The cold end usually is about 24ºc ish on the digi thermometer (got two - one for each end!) and the warm end is about 28-29ºc (never let it get higher than 29.5ºC its usually around the 28ºc mark) and of course the stat is there controlling the heat mat. I love the shop i got my kit from but i think they were insane to say i didn't need to worry about a stat! They're reasonable to buy on ebay (when you think of all the other things you gotta buy anyway!) so i don't think there's any reason not to get one! 

He's got hides gallore too :lol2: two of those little log things going across the back (almost like a big long one but with a little gap if he fancies going out thru the middle of them) and that's covered by a silk plant thingie, so that has a warm end and a cold end. he's also got a little cocount shell in the warm end and a weird plastic strawberry (lol it was in the hamster section at a pet shop and i just thought of the irony of having a rodent house as a snake hide and also it's quite cute!!) it's a little big atm so i stuffed it with paper towel shreds... but he only likes his log! 

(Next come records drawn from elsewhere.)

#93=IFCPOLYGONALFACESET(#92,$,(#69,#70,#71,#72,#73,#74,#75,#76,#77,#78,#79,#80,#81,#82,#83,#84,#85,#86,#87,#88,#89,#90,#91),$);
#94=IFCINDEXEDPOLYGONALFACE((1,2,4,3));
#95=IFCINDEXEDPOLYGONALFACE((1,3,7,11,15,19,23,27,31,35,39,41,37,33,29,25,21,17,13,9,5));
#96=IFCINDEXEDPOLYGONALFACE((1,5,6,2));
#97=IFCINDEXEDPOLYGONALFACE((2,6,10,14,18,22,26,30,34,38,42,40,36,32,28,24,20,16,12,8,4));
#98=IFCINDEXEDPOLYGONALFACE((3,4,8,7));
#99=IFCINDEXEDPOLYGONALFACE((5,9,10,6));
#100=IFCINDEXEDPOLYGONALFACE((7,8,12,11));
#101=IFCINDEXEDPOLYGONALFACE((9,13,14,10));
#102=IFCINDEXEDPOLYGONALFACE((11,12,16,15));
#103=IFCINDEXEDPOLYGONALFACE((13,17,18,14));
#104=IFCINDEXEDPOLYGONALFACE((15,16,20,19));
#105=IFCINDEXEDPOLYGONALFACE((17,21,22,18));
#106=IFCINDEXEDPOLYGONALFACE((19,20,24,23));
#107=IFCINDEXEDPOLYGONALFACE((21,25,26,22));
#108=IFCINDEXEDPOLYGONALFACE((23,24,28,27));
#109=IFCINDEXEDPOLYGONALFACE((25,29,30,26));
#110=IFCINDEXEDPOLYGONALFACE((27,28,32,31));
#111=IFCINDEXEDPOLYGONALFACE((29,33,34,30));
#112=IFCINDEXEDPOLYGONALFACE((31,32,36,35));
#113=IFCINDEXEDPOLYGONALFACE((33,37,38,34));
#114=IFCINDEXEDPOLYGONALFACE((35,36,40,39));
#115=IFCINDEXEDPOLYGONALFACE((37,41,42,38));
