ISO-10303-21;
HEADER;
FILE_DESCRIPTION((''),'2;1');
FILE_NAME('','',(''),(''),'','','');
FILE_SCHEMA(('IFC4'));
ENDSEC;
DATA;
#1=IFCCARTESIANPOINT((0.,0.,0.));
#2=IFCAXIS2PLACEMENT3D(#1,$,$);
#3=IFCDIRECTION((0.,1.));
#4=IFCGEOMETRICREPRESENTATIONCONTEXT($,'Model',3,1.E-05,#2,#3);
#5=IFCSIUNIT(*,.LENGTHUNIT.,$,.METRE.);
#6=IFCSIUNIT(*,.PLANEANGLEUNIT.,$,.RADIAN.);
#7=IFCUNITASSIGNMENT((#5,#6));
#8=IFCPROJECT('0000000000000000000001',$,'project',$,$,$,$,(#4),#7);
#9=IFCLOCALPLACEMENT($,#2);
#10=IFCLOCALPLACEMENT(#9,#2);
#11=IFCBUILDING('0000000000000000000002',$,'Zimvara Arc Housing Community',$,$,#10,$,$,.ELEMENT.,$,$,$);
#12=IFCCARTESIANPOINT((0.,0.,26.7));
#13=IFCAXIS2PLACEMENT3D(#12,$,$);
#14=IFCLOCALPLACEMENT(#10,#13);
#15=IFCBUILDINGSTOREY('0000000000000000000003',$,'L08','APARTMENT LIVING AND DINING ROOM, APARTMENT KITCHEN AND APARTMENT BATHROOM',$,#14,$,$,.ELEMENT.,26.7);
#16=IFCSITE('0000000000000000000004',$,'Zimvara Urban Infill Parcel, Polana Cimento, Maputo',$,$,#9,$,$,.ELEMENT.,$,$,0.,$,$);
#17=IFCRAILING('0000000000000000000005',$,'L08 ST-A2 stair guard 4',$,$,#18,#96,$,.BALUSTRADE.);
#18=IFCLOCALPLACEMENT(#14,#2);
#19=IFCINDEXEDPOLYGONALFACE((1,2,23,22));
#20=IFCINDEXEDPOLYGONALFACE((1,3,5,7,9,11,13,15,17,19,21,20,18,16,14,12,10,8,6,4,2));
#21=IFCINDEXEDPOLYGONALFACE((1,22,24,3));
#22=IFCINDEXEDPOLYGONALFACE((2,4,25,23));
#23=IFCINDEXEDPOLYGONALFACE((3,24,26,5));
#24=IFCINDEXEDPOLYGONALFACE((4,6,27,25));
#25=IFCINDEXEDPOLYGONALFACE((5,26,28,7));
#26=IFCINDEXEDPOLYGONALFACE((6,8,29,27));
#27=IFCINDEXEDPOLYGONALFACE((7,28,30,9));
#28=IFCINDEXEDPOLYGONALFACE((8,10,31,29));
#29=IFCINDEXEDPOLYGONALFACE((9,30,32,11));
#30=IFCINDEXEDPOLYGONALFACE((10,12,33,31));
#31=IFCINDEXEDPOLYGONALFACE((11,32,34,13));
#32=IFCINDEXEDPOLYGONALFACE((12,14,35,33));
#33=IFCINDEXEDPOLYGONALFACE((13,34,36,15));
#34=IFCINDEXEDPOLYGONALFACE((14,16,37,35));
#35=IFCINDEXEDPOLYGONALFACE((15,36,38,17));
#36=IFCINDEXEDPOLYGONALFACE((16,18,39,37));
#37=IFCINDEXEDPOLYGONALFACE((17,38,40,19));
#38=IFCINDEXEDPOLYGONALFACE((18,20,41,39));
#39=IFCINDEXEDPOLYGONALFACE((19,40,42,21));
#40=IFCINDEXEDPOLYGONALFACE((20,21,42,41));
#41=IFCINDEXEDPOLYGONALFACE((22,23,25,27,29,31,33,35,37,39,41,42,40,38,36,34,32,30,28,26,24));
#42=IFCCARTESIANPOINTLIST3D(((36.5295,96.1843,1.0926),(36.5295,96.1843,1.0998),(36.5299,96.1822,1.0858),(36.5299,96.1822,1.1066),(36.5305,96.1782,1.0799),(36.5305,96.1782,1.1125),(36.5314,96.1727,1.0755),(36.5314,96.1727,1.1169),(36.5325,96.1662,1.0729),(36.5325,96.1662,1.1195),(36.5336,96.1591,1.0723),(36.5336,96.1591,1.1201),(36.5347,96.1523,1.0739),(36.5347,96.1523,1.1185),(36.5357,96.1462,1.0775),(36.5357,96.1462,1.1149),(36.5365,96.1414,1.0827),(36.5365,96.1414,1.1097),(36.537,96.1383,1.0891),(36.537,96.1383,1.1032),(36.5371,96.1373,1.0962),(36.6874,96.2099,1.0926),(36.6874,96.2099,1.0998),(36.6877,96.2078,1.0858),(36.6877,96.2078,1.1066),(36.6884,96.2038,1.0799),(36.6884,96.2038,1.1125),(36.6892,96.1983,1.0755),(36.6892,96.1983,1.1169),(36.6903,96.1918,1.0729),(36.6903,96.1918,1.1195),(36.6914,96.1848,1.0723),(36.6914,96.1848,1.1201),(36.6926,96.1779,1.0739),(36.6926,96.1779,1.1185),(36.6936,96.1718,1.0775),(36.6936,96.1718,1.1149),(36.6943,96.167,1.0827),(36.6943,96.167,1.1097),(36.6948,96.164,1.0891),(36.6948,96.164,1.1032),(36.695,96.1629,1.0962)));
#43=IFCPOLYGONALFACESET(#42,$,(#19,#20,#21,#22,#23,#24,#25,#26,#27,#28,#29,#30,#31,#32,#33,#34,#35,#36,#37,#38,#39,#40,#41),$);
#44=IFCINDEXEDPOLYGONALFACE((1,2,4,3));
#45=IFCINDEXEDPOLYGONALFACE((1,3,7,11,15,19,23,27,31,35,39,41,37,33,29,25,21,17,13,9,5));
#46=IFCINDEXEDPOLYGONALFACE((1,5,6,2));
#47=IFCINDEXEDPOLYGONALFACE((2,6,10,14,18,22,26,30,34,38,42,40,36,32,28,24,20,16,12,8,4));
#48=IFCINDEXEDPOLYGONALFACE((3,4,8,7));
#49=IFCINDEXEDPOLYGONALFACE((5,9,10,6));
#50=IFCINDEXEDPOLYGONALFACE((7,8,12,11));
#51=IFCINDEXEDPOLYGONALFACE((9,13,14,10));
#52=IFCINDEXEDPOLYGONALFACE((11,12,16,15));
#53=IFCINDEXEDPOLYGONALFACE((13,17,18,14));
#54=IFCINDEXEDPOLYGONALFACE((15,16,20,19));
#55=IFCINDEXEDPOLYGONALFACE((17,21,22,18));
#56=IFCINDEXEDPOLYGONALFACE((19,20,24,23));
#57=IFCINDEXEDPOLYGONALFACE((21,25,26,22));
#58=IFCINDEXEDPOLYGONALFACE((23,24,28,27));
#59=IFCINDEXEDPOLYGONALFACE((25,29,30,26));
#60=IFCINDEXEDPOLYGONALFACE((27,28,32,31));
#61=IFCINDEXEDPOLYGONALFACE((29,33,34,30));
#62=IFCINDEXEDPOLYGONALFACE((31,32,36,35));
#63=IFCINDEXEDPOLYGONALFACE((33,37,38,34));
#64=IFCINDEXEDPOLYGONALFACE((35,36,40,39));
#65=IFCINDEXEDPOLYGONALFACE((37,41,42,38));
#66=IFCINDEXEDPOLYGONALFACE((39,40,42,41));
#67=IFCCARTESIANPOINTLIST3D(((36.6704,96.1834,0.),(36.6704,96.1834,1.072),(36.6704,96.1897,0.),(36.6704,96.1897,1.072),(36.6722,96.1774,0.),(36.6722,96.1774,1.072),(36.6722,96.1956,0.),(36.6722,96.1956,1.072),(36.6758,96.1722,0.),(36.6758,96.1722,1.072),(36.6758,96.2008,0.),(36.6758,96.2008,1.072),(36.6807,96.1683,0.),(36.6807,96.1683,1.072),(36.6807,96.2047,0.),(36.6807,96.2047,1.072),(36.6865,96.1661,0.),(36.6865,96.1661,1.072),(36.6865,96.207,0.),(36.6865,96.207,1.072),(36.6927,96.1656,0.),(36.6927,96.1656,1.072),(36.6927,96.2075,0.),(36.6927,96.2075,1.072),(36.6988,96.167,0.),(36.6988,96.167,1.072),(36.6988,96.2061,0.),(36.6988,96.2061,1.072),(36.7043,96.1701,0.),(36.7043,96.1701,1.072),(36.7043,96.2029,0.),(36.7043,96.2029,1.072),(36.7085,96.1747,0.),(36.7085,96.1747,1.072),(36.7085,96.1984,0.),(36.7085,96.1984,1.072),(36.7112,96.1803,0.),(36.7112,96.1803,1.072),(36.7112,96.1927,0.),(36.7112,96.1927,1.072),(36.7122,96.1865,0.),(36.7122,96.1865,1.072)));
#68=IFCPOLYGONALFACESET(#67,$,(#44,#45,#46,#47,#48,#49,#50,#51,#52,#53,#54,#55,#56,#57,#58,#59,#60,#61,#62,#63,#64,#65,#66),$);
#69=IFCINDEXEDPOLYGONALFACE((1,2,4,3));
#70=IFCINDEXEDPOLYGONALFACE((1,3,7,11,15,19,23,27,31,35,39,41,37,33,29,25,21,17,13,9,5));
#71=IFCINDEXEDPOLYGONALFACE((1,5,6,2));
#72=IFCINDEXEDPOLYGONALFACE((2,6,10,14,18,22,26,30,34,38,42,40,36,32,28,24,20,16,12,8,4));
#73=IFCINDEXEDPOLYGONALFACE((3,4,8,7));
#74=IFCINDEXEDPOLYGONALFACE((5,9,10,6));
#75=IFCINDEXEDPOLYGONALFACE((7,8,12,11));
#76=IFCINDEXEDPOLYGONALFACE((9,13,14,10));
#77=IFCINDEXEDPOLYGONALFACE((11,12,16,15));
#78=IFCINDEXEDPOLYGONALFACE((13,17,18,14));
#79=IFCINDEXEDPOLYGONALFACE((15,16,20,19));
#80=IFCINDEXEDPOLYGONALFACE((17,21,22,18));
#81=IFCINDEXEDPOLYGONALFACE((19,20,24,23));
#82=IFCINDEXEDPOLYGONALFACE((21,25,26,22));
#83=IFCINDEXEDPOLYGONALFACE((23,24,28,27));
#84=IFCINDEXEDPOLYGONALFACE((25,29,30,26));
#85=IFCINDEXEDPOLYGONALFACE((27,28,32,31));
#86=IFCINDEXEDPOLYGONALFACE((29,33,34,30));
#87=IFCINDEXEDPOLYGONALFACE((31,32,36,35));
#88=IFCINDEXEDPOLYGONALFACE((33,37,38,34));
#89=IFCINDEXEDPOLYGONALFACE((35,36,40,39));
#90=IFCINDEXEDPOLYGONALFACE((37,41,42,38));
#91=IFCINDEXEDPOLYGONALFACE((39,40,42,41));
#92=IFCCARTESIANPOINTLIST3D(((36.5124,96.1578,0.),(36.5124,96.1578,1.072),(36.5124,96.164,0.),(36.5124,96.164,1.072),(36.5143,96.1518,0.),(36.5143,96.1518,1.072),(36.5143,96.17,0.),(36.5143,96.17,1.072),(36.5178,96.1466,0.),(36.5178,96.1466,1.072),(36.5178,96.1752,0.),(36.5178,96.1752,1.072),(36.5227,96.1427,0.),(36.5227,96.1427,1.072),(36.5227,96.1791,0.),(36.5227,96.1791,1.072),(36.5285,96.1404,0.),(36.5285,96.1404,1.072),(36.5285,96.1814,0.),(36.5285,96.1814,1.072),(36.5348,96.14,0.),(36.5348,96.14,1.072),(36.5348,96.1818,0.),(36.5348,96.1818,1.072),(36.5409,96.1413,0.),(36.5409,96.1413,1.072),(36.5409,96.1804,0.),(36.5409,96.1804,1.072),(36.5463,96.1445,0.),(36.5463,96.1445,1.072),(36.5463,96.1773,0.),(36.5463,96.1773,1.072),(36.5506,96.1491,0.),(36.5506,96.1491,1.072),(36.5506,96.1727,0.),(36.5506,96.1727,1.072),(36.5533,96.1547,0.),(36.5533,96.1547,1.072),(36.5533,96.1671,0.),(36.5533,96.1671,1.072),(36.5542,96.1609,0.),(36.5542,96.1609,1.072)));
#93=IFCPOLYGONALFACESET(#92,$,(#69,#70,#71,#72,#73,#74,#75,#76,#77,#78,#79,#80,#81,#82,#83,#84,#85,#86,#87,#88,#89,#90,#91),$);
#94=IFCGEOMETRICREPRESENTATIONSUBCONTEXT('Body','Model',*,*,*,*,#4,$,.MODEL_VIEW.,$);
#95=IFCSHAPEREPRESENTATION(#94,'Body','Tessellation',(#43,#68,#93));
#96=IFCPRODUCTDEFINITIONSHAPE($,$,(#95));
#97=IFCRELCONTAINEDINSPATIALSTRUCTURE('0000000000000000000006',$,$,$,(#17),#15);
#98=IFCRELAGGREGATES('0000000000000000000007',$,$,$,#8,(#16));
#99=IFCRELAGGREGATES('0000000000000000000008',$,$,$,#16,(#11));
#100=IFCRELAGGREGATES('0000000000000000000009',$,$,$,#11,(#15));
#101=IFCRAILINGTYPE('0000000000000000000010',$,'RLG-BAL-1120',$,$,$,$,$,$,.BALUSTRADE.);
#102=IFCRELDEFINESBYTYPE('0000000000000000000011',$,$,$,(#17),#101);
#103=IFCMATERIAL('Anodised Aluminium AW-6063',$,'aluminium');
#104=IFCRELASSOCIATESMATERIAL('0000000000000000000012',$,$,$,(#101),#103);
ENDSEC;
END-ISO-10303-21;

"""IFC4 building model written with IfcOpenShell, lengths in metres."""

from ifc_helpers import new_model, si_unit, direction, frame, origin, origin_2d, place, context, subcontext, project, spatial, circle, extrude, material, type_object, element, save


model = new_model("IFC4")

# Units and contexts
model_context = context("Model", 3, precision=1e-05, world=origin(), true_north=direction((0.0, 1.0)))
body_context = subcontext(model_context, "Body", "Model", "MODEL_VIEW")
ifc_project = project(units=[si_unit("LENGTHUNIT", "METRE"), si_unit("PLANEANGLEUNIT", "RADIAN")], contexts=[model_context])

# Site, building, storey
site_placement = place(None, origin())
site = spatial("IfcSite", under=ifc_project, at=site_placement, Name="Zimvara Urban Infill Parcel, Polana Cimento, Maputo", CompositionType="ELEMENT", RefElevation=0.0)
building_placement = place(site_placement, origin())
building = spatial("IfcBuilding", under=site, at=building_placement, Name="Zimvara Arc Housing Community", CompositionType="ELEMENT")
storey_placement = place(building_placement, frame((0.0, 0.0, 26.7)))
storey = spatial("IfcBuildingStorey", under=building, at=storey_placement, Name="L08", Description="APARTMENT LIVING AND DINING ROOM, APARTMENT KITCHEN AND APARTMENT BATHROOM", CompositionType="ELEMENT", Elevation=26.7)

# Railing
ifc_material_1 = material(Name="Anodised Aluminium AW-6063", Category="aluminium")
railing_type_1 = type_object("IfcRailingType", Name="RLG-BAL-1120", PredefinedType="BALUSTRADE", material=ifc_material_1)
railing_1_placement = place(storey_placement, frame((36.6912, 96.1865, 0.0)))
element("IfcRailing", 1, at=railing_1_placement, inside=storey, type_object=railing_type_1, Name="L08 ST-A2 stair guard 4", PredefinedType="BALUSTRADE", context=body_context, shape_type="SweptSolid", body=[
    extrude(circle(Radius=0.0239, at=origin_2d()), frame((0.0, 0.0, 1.0962), z_axis=(-0.987086, -0.160192, 0.0), x_axis=(0.160192, -0.987086, 0.0)), (0.0, 0.0, 1.0), 0.1599),
    extrude(circle(Radius=0.021, at=origin_2d()), origin(), (0.0, 0.0, 1.0), 1.072),
    extrude(circle(Radius=0.021, at=origin_2d()), frame((-0.158, -0.0256, 0.0)), (0.0, 0.0, 1.0), 1.072),
])

save(model, "model.ifc")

Ummm..what else... aspen substrate, thinly spread on the warm end, deep in the cool end and he likes to tunnel.. but they're the most pointless tunnels ever...he goes down then straight up (you can see all these little U shaped tunnels!)

He's kept in the bedroom which is the quietest room in the house and we don't use the big light anymore, just lamps (it startled him once so i just keep the lighting low)

I'd love to know what distracts him so much when he's in that little tub at feeding time, i wish i found a plastic lunch box so interesting :lol2:


----------



## miss_mystra (Jun 24, 2010)

well just taken out tonights dinner... and also snakie's... lamb steaks for me and my bf.. and pinkie for him/her lol..perhaps that's why he wont eat, he wants ours lol


Read up about putting snake and pinkie in a card coffee cup, so i nicked one off starbucks and gonna see if he'll feed in that.. no clear sides so once he is in, he can't see out and be nosey, and poss feel more secure!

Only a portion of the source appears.